目前,镀锌低合金高强钢研究与应用的屈服强度级别大多在500MPa以下,屈服强度700MPa级镀锌低合金高强钢尚未有研究,随着车身高强钢应用比例不断提高,500MPa级以下低合金高强钢已不能满足车身轻量化、安全性的迫切需求。
公开号为CN111074165的中国专利公开了一种700MPa级高强汽车钢热轧酸洗板及其生产方法,该发明属于热轧酸洗产品,成品较厚(2~16mm),700MPa级力学性能指标为抗拉强度,因酸洗产品未经冷轧镀锌工序表面涂渡处理,厚规格尺寸精度控制难度大,存在表面质量差、耐腐蚀能力低、尺寸精度较差,不能满足汽车轻量化、高耐腐蚀性要求。
公开号为CN103014539的中国专利;公开了一种屈服强度700MPa级高强度高韧性钢板及其制造方法,该发明属于热轧中厚钢板,钢板组织为回火马氏体和碳化物,非低合金高强钢系列产品钢种,中厚钢板产品不用于车身零件成型,不能满足汽车车身轻量化要求。

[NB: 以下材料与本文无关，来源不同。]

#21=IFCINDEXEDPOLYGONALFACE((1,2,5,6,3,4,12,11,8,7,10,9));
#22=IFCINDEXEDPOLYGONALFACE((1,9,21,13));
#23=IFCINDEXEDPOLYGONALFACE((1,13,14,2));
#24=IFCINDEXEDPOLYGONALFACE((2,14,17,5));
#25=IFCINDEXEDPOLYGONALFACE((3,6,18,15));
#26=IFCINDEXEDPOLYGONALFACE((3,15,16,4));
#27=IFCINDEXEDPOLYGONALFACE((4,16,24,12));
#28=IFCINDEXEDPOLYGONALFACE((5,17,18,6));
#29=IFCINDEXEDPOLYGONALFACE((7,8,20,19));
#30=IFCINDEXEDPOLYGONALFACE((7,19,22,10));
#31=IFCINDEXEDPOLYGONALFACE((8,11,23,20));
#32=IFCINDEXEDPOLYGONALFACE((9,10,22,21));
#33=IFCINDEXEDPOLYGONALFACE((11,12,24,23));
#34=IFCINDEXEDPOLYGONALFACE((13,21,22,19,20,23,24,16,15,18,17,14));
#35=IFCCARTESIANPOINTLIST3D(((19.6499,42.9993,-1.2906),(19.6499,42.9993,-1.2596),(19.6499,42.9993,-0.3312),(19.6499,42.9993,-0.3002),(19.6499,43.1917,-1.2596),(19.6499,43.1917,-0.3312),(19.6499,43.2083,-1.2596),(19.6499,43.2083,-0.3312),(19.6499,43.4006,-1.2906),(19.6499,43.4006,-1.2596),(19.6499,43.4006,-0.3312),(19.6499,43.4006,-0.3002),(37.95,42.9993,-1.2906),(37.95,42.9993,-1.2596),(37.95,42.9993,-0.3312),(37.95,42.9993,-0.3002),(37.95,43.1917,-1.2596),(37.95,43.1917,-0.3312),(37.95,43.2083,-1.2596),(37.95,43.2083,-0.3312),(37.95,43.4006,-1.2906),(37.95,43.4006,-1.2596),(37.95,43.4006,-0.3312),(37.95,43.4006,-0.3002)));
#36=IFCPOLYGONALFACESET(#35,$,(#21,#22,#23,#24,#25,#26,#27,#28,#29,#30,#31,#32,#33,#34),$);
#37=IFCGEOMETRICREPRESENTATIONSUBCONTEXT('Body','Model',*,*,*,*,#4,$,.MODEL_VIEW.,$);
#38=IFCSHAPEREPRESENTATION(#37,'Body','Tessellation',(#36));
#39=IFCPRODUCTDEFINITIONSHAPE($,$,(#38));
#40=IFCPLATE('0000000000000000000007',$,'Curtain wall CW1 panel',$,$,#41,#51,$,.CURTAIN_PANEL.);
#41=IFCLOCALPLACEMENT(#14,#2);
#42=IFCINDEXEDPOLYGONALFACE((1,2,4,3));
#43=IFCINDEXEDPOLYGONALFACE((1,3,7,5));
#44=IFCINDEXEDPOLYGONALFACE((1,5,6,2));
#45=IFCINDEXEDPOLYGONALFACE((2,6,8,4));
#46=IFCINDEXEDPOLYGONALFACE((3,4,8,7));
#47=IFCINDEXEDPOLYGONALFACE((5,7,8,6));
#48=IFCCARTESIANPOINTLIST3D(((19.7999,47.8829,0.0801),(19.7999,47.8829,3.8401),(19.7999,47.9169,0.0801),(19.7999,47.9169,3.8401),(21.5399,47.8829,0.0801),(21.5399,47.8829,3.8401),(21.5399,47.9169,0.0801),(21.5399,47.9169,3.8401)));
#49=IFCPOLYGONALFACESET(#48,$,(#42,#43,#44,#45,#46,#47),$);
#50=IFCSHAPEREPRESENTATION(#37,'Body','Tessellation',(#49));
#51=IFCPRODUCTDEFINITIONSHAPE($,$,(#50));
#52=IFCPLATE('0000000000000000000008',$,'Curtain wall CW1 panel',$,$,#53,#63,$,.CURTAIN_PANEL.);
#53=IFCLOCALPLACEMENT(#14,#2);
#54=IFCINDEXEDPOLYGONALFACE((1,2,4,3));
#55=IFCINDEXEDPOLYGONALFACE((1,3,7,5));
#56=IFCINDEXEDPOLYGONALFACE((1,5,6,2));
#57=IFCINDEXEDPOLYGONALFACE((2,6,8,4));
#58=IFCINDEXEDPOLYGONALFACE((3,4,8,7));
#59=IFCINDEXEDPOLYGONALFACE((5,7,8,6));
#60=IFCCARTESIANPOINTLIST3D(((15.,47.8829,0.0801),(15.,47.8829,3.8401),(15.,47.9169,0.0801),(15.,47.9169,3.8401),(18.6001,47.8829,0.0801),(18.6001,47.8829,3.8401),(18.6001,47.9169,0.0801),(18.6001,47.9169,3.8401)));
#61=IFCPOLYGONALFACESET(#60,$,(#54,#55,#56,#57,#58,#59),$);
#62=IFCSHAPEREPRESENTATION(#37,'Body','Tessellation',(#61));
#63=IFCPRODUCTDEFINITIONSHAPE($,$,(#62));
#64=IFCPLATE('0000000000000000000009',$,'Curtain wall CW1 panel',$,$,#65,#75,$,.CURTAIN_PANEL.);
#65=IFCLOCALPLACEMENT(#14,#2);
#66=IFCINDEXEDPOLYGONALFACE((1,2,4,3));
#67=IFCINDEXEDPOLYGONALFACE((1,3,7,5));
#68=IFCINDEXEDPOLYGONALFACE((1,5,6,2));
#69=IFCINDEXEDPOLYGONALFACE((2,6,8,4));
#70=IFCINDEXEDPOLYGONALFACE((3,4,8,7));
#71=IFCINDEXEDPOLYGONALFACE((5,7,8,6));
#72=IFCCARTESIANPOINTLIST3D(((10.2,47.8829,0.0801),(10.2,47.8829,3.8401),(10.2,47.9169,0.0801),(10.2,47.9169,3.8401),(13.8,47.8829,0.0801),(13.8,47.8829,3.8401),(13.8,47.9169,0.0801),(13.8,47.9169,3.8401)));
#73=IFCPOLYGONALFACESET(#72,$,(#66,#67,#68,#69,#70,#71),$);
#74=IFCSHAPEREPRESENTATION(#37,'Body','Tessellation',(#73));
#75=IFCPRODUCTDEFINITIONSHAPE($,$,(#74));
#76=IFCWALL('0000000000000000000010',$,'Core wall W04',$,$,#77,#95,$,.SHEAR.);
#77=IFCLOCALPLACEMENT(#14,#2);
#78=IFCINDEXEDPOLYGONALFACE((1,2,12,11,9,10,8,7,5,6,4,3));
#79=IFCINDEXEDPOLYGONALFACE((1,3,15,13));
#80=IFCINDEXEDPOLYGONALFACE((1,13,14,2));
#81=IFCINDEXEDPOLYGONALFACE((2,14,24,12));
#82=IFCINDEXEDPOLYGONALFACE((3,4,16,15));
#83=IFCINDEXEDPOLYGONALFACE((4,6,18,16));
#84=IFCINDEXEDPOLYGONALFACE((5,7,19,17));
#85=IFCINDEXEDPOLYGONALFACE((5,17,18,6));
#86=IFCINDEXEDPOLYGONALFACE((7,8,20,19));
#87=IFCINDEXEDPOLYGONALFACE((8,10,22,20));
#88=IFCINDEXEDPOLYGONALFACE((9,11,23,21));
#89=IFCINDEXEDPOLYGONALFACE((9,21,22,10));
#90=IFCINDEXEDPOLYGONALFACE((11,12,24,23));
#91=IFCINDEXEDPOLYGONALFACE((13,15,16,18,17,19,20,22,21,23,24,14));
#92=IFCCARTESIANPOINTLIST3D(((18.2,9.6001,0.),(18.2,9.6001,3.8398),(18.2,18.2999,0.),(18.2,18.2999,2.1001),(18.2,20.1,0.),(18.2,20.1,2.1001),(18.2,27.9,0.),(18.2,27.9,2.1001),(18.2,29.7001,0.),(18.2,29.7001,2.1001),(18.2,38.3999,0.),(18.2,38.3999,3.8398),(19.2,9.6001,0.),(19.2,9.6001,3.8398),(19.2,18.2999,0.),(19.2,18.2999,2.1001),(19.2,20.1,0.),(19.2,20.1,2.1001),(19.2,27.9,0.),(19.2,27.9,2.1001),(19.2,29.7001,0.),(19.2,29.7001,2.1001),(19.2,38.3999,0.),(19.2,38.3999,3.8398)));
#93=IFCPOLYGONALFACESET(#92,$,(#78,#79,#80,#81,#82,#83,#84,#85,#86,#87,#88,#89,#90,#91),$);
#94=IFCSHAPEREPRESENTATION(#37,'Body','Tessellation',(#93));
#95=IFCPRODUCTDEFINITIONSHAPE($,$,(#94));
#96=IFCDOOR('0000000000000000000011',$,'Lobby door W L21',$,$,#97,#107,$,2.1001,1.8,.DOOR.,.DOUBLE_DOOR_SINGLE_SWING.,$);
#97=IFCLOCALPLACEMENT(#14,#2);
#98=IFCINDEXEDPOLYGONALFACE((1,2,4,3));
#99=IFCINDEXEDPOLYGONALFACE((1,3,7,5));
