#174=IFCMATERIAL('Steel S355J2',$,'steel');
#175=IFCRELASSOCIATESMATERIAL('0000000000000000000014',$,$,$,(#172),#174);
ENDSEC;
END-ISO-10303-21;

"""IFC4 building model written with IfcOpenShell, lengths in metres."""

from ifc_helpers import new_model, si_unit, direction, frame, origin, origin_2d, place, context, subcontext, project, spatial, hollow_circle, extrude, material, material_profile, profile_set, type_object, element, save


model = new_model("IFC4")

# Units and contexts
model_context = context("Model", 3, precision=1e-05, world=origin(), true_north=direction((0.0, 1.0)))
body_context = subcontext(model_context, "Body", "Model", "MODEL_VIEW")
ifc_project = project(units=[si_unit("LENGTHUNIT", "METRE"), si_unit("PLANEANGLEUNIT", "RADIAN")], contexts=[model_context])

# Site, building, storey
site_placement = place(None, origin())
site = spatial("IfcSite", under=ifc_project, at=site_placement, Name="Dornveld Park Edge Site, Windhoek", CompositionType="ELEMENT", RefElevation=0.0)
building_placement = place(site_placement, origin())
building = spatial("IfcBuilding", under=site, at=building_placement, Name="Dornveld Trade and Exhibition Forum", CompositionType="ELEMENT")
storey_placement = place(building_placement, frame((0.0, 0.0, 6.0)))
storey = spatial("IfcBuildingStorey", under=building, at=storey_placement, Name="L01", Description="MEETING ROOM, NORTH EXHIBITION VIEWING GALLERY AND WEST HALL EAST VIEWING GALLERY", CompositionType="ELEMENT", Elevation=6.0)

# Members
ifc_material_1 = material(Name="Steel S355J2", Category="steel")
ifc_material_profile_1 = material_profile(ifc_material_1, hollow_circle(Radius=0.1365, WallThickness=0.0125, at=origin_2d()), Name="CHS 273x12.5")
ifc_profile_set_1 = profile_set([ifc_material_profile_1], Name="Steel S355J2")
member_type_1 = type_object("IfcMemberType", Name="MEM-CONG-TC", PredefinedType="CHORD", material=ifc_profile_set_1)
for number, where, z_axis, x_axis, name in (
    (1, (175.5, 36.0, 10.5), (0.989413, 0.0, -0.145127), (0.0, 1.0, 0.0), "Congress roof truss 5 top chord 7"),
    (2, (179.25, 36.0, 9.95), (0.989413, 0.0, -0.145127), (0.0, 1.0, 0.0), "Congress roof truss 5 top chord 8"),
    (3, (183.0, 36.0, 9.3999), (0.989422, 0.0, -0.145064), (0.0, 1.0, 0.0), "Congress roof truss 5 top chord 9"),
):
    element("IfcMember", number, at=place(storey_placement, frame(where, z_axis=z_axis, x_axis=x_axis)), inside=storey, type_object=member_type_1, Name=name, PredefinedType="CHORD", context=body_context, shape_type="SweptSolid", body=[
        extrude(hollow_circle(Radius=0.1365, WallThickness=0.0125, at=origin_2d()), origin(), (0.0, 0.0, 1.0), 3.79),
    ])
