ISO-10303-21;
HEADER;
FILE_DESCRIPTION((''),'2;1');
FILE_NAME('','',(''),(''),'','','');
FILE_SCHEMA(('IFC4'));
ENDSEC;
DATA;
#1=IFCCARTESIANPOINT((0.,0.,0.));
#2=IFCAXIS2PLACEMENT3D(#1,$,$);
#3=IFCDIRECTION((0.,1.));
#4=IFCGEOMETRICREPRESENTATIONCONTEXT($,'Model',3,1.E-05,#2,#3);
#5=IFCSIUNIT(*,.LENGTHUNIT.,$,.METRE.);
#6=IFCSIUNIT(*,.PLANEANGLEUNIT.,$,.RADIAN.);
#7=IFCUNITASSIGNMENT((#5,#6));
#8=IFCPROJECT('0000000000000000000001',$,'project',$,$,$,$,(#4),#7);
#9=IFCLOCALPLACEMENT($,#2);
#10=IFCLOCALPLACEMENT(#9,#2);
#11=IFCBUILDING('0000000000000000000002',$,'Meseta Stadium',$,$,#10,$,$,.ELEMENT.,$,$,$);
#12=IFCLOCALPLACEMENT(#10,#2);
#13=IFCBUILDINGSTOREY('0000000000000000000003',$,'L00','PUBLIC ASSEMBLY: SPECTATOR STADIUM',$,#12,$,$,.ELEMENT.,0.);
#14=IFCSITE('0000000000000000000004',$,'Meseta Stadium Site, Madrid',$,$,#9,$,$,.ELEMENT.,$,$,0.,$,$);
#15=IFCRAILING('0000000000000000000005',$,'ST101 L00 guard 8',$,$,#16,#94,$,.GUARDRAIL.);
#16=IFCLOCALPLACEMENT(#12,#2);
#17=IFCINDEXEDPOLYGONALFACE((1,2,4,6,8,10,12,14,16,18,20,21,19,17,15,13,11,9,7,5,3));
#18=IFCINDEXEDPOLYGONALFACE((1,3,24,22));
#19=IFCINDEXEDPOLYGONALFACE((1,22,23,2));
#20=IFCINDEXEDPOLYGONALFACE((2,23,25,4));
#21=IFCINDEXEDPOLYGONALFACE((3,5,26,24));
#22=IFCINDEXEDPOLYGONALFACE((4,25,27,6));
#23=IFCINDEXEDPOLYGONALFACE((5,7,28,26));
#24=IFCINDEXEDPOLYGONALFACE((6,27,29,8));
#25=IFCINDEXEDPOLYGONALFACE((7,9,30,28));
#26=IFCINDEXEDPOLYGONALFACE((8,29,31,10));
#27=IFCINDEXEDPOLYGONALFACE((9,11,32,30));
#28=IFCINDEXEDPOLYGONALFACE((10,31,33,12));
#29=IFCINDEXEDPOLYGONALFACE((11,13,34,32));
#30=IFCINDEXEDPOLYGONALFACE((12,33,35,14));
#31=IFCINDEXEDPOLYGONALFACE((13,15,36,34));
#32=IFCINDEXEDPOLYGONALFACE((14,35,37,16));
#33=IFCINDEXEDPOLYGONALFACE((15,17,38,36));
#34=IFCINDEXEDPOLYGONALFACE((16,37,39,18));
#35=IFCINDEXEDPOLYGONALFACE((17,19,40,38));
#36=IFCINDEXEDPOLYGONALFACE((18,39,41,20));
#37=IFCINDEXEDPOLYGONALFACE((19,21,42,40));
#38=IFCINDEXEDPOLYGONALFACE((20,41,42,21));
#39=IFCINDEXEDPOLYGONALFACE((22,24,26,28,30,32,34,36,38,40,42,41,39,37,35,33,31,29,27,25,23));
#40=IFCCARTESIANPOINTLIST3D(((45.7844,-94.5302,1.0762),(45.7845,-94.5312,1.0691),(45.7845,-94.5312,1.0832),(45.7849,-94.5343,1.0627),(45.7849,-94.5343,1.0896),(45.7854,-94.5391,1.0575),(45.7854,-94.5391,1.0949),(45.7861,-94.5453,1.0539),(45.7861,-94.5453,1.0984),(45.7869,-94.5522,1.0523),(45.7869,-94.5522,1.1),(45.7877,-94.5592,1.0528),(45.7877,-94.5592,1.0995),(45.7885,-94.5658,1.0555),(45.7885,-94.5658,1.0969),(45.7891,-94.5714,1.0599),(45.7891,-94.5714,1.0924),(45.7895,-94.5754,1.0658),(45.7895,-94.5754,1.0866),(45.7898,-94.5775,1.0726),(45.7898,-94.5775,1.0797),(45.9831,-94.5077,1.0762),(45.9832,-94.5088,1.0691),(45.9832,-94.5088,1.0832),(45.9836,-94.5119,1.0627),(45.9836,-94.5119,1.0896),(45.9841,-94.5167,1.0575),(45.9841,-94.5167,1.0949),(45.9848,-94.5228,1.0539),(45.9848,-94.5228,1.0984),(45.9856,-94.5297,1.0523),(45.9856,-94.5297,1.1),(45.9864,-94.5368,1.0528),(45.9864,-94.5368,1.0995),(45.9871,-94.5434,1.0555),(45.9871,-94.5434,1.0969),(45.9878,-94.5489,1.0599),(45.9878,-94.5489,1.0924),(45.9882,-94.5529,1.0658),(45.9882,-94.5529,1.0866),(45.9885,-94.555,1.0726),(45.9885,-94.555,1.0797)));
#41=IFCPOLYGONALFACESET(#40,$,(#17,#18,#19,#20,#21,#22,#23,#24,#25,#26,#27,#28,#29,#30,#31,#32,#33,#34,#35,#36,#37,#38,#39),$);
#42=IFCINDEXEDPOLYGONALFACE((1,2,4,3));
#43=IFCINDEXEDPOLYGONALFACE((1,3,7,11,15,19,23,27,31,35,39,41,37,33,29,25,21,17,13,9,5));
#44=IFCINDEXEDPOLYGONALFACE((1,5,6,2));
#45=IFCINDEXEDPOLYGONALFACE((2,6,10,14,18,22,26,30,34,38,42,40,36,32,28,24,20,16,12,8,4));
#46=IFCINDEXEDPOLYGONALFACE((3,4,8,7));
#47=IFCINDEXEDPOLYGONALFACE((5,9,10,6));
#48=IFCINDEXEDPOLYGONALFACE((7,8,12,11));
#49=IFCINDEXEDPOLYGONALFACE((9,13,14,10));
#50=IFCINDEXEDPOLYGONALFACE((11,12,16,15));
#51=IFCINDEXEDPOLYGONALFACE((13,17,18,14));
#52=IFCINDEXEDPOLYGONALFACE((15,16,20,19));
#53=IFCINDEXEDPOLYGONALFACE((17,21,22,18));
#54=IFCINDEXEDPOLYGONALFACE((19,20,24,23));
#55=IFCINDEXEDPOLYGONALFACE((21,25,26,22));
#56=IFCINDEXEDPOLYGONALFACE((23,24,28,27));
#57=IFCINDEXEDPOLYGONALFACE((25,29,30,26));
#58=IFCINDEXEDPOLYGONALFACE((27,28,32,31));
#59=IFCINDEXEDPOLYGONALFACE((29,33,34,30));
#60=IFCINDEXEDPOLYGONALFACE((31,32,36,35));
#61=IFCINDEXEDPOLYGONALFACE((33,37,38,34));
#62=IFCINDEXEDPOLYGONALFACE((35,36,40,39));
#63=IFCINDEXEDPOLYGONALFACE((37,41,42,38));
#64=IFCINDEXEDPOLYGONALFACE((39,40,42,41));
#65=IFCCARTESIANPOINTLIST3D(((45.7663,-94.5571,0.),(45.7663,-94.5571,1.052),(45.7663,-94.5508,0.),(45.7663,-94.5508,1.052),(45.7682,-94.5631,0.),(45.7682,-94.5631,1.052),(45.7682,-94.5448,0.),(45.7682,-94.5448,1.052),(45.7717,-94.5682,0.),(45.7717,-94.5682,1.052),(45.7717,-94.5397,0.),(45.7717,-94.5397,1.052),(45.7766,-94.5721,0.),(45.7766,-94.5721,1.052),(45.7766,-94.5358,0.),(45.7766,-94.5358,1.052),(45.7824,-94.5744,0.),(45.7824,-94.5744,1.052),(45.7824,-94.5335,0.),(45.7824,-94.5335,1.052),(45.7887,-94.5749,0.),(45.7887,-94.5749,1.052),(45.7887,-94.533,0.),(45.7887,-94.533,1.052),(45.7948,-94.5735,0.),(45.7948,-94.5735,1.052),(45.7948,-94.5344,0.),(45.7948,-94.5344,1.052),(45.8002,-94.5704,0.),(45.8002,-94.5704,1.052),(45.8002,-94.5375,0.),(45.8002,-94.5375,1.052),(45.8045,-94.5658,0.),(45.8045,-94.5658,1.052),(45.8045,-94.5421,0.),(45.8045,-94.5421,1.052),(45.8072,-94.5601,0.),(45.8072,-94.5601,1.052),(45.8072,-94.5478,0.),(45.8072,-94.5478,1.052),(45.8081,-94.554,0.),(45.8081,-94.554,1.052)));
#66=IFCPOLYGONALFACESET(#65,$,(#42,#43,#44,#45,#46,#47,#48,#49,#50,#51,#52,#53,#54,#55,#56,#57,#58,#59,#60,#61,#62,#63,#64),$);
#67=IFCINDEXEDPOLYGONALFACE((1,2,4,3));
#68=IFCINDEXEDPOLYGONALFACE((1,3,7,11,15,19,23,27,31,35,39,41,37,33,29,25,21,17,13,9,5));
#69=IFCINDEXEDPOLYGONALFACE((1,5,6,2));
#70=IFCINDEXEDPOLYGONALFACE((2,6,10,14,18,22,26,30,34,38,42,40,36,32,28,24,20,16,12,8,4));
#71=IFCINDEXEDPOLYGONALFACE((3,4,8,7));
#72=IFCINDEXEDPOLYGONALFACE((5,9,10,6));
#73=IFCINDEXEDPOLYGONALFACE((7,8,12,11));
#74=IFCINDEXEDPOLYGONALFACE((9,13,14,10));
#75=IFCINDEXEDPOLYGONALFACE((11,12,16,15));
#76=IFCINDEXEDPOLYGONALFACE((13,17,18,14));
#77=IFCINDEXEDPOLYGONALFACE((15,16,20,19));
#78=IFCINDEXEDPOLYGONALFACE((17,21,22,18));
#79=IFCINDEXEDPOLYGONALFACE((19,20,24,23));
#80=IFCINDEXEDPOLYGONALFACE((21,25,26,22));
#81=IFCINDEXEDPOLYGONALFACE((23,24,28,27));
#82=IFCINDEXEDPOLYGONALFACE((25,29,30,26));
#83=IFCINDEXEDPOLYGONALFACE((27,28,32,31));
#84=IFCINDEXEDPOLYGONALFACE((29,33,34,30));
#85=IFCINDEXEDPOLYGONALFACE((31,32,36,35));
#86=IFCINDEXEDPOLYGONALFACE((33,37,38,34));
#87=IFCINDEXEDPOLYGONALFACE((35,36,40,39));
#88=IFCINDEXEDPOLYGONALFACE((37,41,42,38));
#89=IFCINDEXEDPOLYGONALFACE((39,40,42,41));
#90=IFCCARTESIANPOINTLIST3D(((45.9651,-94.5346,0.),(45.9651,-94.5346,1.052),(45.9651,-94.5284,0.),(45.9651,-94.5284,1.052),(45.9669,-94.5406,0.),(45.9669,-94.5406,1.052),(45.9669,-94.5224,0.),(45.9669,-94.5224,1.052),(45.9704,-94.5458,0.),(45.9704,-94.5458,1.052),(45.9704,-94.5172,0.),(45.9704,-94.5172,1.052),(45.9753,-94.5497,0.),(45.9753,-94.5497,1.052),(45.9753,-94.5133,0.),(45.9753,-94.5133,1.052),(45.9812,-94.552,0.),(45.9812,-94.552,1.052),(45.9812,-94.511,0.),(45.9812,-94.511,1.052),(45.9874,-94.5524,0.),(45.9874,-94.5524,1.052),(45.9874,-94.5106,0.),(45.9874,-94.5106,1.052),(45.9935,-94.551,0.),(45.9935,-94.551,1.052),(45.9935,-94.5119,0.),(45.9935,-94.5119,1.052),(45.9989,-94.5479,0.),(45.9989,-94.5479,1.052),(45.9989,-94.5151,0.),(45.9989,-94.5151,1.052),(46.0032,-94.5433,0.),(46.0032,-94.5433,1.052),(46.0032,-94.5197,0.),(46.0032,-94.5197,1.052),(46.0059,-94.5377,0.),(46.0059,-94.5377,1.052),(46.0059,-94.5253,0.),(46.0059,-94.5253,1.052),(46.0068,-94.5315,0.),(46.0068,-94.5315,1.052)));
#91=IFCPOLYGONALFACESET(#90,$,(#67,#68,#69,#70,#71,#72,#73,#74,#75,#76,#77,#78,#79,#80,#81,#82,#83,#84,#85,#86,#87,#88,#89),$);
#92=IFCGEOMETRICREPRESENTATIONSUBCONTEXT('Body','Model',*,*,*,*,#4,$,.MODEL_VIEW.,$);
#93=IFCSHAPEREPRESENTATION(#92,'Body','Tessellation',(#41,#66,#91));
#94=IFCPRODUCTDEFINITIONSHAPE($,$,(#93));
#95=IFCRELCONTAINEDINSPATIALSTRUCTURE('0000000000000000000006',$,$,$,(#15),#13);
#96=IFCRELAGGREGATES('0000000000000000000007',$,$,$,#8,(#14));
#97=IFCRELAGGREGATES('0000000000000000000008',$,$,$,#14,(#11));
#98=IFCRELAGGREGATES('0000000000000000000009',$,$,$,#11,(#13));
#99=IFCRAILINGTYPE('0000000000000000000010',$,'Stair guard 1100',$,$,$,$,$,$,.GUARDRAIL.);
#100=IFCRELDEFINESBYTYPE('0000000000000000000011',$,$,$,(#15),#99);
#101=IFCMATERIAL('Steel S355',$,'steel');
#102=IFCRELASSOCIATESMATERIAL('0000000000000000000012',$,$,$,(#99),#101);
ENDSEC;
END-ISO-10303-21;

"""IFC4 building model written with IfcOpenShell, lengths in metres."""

from ifc_helpers import new_model, si_unit, direction, frame, origin, origin_2d, place, context, subcontext, project, spatial, circle, extrude, material, type_object, element, save


model = new_model("IFC4")

# Units and contexts
model_context = context("Model", 3, precision=1e-05, world=origin(), true_north=direction((0.0, 1.0)))
body_context = subcontext(model_context, "Body", "Model", "MODEL_VIEW")
ifc_project = project(units=[si_unit("LENGTHUNIT", "METRE"), si_unit("PLANEANGLEUNIT", "RADIAN")], contexts=[model_context])

# Site, building, storey
site_placement = place(None, origin())
site = spatial("IfcSite", under=ifc_project, at=site_placement, Name="Meseta Stadium Site, Madrid", CompositionType="ELEMENT", RefElevation=0.0)
building_placement = place(site_placement, origin())
building = spatial("IfcBuilding", under=site, at=building_placement, Name="Meseta Stadium", CompositionType="ELEMENT")
storey_placement = place(building_placement, origin())
storey = spatial("IfcBuildingStorey", under=building, at=storey_placement, Name="L00", Description="PUBLIC ASSEMBLY: SPECTATOR STADIUM", CompositionType="ELEMENT", Elevation=0.0)

# Railing
ifc_material_1 = material(Name="Steel S355", Category="steel")
railing_type_1 = type_object("IfcRailingType", Name="Stair guard 1100", PredefinedType="GUARDRAIL", material=ifc_material_1)
railing_1_placement = place(storey_placement, frame((45.7871, -94.554, 0.0)))
element("IfcRailing", 1, at=railing_1_placement, inside=storey, type_object=railing_type_1, Name="ST101 L00 guard 8", PredefinedType="GUARDRAIL", context=body_context, shape_type="SweptSolid", body=[
    extrude(circle(Radius=0.0239, at=origin_2d()), frame((0.0, 0.0, 1.0762), z_axis=(0.993674, 0.112307, 0.0), x_axis=(-0.112307, 0.993674, 0.0)), (0.0, 0.0, 1.0), 0.2),
    extrude(circle(Radius=0.021, at=origin_2d()), origin(), (0.0, 0.0, 1.0), 1.052),
    extrude(circle(Radius=0.021, at=origin_2d()), frame((0.1987, 0.0225, 0.0)), (0.0, 0.0, 1.0), 1.052),
])

save(model, "model.ifc")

因此,开发一种屈服强度700MPa级热镀锌低合金高强钢对推动汽车工业的发展具有重要的意义。
发明内容
本发明要解决的技术问题是提供一种屈服强度700MPa级热镀锌低合金高强钢及制备方法。本发明通过低碳及Nb、Ti微合金化的化学成分设计,匹配合理的生产工艺,强化钢板析出强化作用,获得组织均匀、机械性能稳定、冷弯性能良好、高耐腐蚀性的热镀锌低合金高强钢。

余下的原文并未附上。